I take it that is a new kid of yours.


----------



## M Taylor (Nov 21, 2007)

It is. To date we have 9 new ones and waiting on 7 more to kid within 2 weeks.


----------



## StaceyRosado (Oct 5, 2007)

well congrats on the new ones


----------



## sweetgoats (Oct 18, 2007)

What a doll. Congratulations.
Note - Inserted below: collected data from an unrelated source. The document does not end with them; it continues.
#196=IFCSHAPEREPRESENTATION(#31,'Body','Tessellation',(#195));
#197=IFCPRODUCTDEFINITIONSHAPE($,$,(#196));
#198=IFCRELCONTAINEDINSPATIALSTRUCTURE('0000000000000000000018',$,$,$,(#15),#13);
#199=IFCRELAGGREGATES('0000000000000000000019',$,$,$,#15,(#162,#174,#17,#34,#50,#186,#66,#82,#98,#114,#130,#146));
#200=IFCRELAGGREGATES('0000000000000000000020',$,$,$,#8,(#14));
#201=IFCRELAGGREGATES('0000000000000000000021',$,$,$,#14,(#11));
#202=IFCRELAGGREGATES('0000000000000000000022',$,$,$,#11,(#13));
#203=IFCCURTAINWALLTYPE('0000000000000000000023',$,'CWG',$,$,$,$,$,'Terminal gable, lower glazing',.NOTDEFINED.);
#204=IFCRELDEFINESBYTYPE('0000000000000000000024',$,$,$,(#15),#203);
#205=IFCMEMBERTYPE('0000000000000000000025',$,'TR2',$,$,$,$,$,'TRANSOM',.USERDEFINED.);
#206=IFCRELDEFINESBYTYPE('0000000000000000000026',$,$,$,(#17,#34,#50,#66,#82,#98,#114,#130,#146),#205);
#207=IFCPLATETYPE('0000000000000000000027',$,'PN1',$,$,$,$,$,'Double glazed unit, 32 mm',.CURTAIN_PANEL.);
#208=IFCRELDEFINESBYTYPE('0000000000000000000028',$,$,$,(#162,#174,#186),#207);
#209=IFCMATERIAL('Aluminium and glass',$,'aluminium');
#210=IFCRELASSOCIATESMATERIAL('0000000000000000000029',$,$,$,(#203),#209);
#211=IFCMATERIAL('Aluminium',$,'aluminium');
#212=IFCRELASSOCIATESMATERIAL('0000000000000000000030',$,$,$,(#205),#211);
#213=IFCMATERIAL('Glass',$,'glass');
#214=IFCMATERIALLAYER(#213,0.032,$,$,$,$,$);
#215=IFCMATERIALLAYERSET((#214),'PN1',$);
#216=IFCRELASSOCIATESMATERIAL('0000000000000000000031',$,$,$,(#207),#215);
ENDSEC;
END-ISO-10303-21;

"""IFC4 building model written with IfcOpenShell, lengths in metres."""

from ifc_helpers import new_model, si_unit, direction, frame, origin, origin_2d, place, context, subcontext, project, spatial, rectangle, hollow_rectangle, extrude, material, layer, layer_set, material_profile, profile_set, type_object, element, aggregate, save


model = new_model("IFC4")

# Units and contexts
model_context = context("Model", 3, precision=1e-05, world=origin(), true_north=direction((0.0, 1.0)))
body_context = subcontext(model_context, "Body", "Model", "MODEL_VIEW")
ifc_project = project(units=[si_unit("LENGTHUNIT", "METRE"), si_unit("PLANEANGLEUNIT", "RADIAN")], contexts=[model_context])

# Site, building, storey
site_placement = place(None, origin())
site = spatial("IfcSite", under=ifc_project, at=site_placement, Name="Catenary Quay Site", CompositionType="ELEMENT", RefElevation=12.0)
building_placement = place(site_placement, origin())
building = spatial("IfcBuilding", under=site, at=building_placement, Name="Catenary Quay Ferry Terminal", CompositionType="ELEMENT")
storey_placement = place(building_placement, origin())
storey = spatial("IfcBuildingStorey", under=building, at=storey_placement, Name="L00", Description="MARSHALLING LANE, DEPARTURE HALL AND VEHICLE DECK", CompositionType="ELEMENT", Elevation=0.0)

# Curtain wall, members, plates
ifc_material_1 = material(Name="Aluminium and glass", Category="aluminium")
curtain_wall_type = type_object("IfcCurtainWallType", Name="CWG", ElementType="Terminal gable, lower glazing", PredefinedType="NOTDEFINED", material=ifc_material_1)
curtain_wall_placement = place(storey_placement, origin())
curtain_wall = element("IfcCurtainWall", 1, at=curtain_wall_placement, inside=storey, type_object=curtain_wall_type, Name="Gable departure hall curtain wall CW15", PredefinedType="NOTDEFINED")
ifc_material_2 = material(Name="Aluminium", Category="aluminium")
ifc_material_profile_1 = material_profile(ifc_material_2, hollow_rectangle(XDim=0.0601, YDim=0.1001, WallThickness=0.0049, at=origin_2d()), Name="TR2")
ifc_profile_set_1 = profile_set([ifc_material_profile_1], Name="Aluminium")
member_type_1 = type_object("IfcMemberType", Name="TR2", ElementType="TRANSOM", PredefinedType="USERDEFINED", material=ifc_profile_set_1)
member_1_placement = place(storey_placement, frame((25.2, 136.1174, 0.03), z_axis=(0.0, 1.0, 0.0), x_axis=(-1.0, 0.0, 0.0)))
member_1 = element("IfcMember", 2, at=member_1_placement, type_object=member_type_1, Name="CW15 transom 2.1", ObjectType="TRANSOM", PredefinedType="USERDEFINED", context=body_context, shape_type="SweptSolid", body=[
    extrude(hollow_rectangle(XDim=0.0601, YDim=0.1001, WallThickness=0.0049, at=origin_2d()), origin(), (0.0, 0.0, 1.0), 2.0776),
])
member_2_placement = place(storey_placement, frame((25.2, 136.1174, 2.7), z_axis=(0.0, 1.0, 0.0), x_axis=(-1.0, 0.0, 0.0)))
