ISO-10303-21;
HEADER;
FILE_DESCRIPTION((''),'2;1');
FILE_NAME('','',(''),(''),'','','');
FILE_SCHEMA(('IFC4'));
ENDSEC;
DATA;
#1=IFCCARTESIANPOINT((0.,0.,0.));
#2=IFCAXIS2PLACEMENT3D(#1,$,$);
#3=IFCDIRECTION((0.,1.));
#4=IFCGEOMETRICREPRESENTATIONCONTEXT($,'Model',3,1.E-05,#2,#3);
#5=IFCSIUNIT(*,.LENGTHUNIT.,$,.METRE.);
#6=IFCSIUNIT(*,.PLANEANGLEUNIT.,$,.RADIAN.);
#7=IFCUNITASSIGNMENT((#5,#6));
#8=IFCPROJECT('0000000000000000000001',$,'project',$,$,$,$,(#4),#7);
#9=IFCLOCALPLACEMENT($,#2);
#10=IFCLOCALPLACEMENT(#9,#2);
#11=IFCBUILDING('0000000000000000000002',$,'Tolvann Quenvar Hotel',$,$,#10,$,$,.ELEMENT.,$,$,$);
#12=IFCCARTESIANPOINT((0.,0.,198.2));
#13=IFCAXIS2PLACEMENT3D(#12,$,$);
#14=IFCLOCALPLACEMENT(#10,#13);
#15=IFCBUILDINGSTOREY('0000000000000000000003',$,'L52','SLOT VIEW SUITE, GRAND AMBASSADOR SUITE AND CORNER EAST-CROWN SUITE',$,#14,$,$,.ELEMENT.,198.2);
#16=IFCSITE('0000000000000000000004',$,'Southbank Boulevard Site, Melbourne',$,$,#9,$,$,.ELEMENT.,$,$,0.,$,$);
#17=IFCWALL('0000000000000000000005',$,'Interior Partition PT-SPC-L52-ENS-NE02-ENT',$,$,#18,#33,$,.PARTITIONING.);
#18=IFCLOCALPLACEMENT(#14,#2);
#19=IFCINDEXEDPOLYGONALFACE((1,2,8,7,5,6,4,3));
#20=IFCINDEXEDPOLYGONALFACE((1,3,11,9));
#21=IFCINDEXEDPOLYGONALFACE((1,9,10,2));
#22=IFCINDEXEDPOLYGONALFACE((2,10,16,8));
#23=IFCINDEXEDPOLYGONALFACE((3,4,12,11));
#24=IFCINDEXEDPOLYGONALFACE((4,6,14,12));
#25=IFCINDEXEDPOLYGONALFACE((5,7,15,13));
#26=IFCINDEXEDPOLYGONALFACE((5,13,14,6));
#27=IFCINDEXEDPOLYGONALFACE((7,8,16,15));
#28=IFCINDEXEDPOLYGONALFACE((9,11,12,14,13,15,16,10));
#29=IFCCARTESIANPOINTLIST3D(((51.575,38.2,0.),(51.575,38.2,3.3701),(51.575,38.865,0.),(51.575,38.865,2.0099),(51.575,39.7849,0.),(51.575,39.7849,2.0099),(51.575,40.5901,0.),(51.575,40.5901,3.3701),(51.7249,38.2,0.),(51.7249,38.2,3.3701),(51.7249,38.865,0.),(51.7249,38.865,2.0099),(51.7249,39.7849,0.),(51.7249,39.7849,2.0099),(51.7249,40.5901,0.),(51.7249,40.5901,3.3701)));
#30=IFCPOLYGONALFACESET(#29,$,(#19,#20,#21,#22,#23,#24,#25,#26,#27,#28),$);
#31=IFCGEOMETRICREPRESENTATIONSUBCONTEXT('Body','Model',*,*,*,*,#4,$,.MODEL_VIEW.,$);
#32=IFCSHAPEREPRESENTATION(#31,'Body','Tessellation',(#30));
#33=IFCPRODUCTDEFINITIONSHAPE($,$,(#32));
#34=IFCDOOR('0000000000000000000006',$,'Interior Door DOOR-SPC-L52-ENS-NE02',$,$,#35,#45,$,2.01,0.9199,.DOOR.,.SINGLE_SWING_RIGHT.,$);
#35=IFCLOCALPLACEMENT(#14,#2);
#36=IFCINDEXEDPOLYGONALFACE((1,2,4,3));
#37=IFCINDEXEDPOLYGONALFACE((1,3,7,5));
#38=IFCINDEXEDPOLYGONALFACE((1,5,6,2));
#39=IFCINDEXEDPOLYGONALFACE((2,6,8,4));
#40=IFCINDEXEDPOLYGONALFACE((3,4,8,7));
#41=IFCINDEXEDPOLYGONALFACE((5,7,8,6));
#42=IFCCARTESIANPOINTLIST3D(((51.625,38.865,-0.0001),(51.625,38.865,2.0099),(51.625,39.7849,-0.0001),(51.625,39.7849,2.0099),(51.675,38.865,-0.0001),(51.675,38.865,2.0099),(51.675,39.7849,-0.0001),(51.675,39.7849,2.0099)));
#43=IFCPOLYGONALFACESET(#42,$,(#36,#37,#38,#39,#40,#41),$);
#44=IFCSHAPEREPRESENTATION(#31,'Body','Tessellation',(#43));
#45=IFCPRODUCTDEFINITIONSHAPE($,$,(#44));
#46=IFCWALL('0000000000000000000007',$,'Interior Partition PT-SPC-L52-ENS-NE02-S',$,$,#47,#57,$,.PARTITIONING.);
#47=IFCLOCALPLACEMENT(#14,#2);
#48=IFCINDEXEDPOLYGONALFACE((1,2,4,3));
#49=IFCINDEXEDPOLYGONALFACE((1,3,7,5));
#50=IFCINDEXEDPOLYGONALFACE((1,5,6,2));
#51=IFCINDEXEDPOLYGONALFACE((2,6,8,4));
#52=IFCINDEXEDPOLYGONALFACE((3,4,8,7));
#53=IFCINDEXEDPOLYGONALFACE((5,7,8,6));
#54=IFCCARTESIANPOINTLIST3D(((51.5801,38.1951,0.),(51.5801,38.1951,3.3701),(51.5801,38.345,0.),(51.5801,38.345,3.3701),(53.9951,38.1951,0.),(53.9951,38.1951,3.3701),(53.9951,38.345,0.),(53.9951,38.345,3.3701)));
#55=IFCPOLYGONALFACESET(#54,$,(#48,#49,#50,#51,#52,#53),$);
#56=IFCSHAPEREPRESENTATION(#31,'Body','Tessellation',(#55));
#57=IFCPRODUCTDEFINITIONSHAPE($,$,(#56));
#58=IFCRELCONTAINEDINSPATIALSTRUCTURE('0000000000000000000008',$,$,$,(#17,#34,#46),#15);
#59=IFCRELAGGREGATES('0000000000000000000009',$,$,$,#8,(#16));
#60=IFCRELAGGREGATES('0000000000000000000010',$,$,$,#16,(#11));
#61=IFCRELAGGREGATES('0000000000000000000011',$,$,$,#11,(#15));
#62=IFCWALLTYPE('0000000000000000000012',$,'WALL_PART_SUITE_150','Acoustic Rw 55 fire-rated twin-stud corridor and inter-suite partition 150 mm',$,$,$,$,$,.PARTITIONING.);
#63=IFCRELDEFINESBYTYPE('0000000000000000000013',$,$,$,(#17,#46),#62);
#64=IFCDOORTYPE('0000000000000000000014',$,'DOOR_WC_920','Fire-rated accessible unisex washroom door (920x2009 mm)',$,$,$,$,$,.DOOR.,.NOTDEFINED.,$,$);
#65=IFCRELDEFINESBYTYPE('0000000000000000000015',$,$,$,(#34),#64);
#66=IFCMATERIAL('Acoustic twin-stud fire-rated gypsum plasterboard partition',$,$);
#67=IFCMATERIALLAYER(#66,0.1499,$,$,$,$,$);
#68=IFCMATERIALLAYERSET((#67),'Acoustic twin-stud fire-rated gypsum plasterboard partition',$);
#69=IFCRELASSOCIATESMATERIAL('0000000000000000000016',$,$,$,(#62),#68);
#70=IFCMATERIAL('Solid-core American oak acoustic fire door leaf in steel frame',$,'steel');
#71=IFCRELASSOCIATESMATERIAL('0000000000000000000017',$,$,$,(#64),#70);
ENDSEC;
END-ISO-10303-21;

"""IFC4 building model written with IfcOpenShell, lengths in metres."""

from ifc_helpers import new_model, si_unit, direction, frame, frame_2d, origin, place, context, subcontext, project, spatial, rectangle, extrude, source, transform, mapped, material, layer, layer_set, type_object, type_shapes, element, fill, save


model = new_model("IFC4")

# Units and contexts
model_context = context("Model", 3, precision=1e-05, world=origin(), true_north=direction((0.0, 1.0)))
body_context = subcontext(model_context, "Body", "Model", "MODEL_VIEW")
ifc_project = project(units=[si_unit("LENGTHUNIT", "METRE"), si_unit("PLANEANGLEUNIT", "RADIAN")], contexts=[model_context])

# Site, building, storey
site_placement = place(None, origin())
site = spatial("IfcSite", under=ifc_project, at=site_placement, Name="Southbank Boulevard Site, Melbourne", CompositionType="ELEMENT", RefElevation=0.0)
building_placement = place(site_placement, origin())
building = spatial("IfcBuilding", under=site, at=building_placement, Name="Tolvann Quenvar Hotel", CompositionType="ELEMENT")
storey_placement = place(building_placement, frame((0.0, 0.0, 198.2)))
storey = spatial("IfcBuildingStorey", under=building, at=storey_placement, Name="L52", Description="SLOT VIEW SUITE, GRAND AMBASSADOR SUITE AND CORNER EAST-CROWN SUITE", CompositionType="ELEMENT", Elevation=198.2)

# Shared definitions
ifc_material_1 = material(Name="Acoustic twin-stud fire-rated gypsum plasterboard partition")
ifc_layer_1 = layer(ifc_material_1, 0.1499)
ifc_layer_set_1 = layer_set([ifc_layer_1], Name="Acoustic twin-stud fire-rated gypsum plasterboard partition")
wall_type_1 = type_object("IfcWallType", Name="WALL_PART_SUITE_150", Description="Acoustic Rw 55 fire-rated twin-stud corridor and inter-suite partition 150 mm", PredefinedType="PARTITIONING", material=ifc_layer_set_1)

# Wall, opening, door
wall_1_placement = place(storey_placement, frame((51.6499, 38.2, 0.0), z_axis=(0.0, 0.0, 1.0), x_axis=(0.0, 1.0, 0.0)))
wall_1 = element("IfcWall", 1, at=wall_1_placement, inside=storey, type_object=wall_type_1, Name="Interior Partition PT-SPC-L52-ENS-NE02-ENT", PredefinedType="PARTITIONING", context=body_context, shape_type="SweptSolid", body=[
    extrude(rectangle(XDim=2.3901, YDim=0.1499, at=frame_2d((1.1951, 0.0))), origin(), (0.0, 0.0, 1.0), 3.3701),
])
opening_1_placement = place(wall_1_placement, frame((0.665, 0.0, 0.0)))
opening_1 = element("IfcOpeningElement", 2, at=opening_1_placement, cuts=wall_1, PredefinedType="OPENING", context=body_context, shape_type="SweptSolid", body=[
    extrude(rectangle(XDim=0.9199, YDim=2.01, at=frame_2d((0.46, 1.0049))), frame((0.0, 0.085, 0.0), z_axis=(0.0, -1.0, 0.0), x_axis=(1.0, 0.0, 0.0)), (0.0, 0.0, 1.0), 0.1699),
])
ifc_material_2 = material(Name="Solid-core American oak acoustic fire door leaf in steel frame", Category="steel")
door_type = type_object("IfcDoorType", Name="DOOR_WC_920", Description="Fire-rated accessible unisex washroom door (920x2009 mm)", OperationType="NOTDEFINED", PredefinedType="DOOR", material=ifc_material_2)
shared_shape_1 = source(origin(), body_context, "Body", "SweptSolid", [
    extrude(rectangle(XDim=0.9199, YDim=2.01, at=frame_2d((0.46, 1.0049))), frame((0.0, 0.0249, 0.0), z_axis=(0.0, -1.0, 0.0), x_axis=(1.0, 0.0, 0.0)), (0.0, 0.0, 1.0), 0.05),
])
type_shapes(door_type, [shared_shape_1])
door_placement = place(opening_1_placement, origin())
door = element("IfcDoor", 3, at=door_placement, inside=storey, type_object=door_type, Name="Interior Door DOOR-SPC-L52-ENS-NE02", OperationType="SINGLE_SWING_RIGHT", OverallHeight=2.01, OverallWidth=0.9199, PredefinedType="DOOR", context=body_context, shape_type="MappedRepresentation", body=[
    mapped(shared_shape_1, transform((0.0, 0.0, 0.0), x_axis=(1.0, 0.0, 0.0), y_axis=(0.0, 1.0, 0.0), z_axis=(0.0, 0.0, 1.0), scale=1.0)),
])
fill(opening_1, door)

# Wall
wall_2_placement = place(storey_placement, frame((51.5801, 38.27, 0.0), z_axis=(0.0, 0.0, 1.0), x_axis=(1.0, 0.0, 0.0)))
element("IfcWall", 4, at=wall_2_placement, inside=storey, type_object=wall_type_1, Name="Interior Partition PT-SPC-L52-ENS-NE02-S", PredefinedType="PARTITIONING", context=body_context, shape_type="SweptSolid", body=[
    extrude(rectangle(XDim=2.415, YDim=0.1499, at=frame_2d((1.2075, 0.0))), origin(), (0.0, 0.0, 1.0), 3.3701),
])

save(model, "model.ifc")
He is sure VERY proud of himself you can tell, as he should be.


----------



## rebelshope (Sep 21, 2008)

Boer babies are way too cute!!


----------



## shadycreekgoats (Mar 23, 2009)

He is adorable!!!


----------



## keren (Oct 26, 2008)

lil QT

love the tail


----------



## AlaskaBoers (May 7, 2008)

awww! he's too cute!


colorful little guy, does he have a name yet?


----------



## RowdyKidz (Apr 2, 2009)

Nice looking boy! Love his markings!


----------



## Jenna (Jan 7, 2009)

Cute little fella!!


----------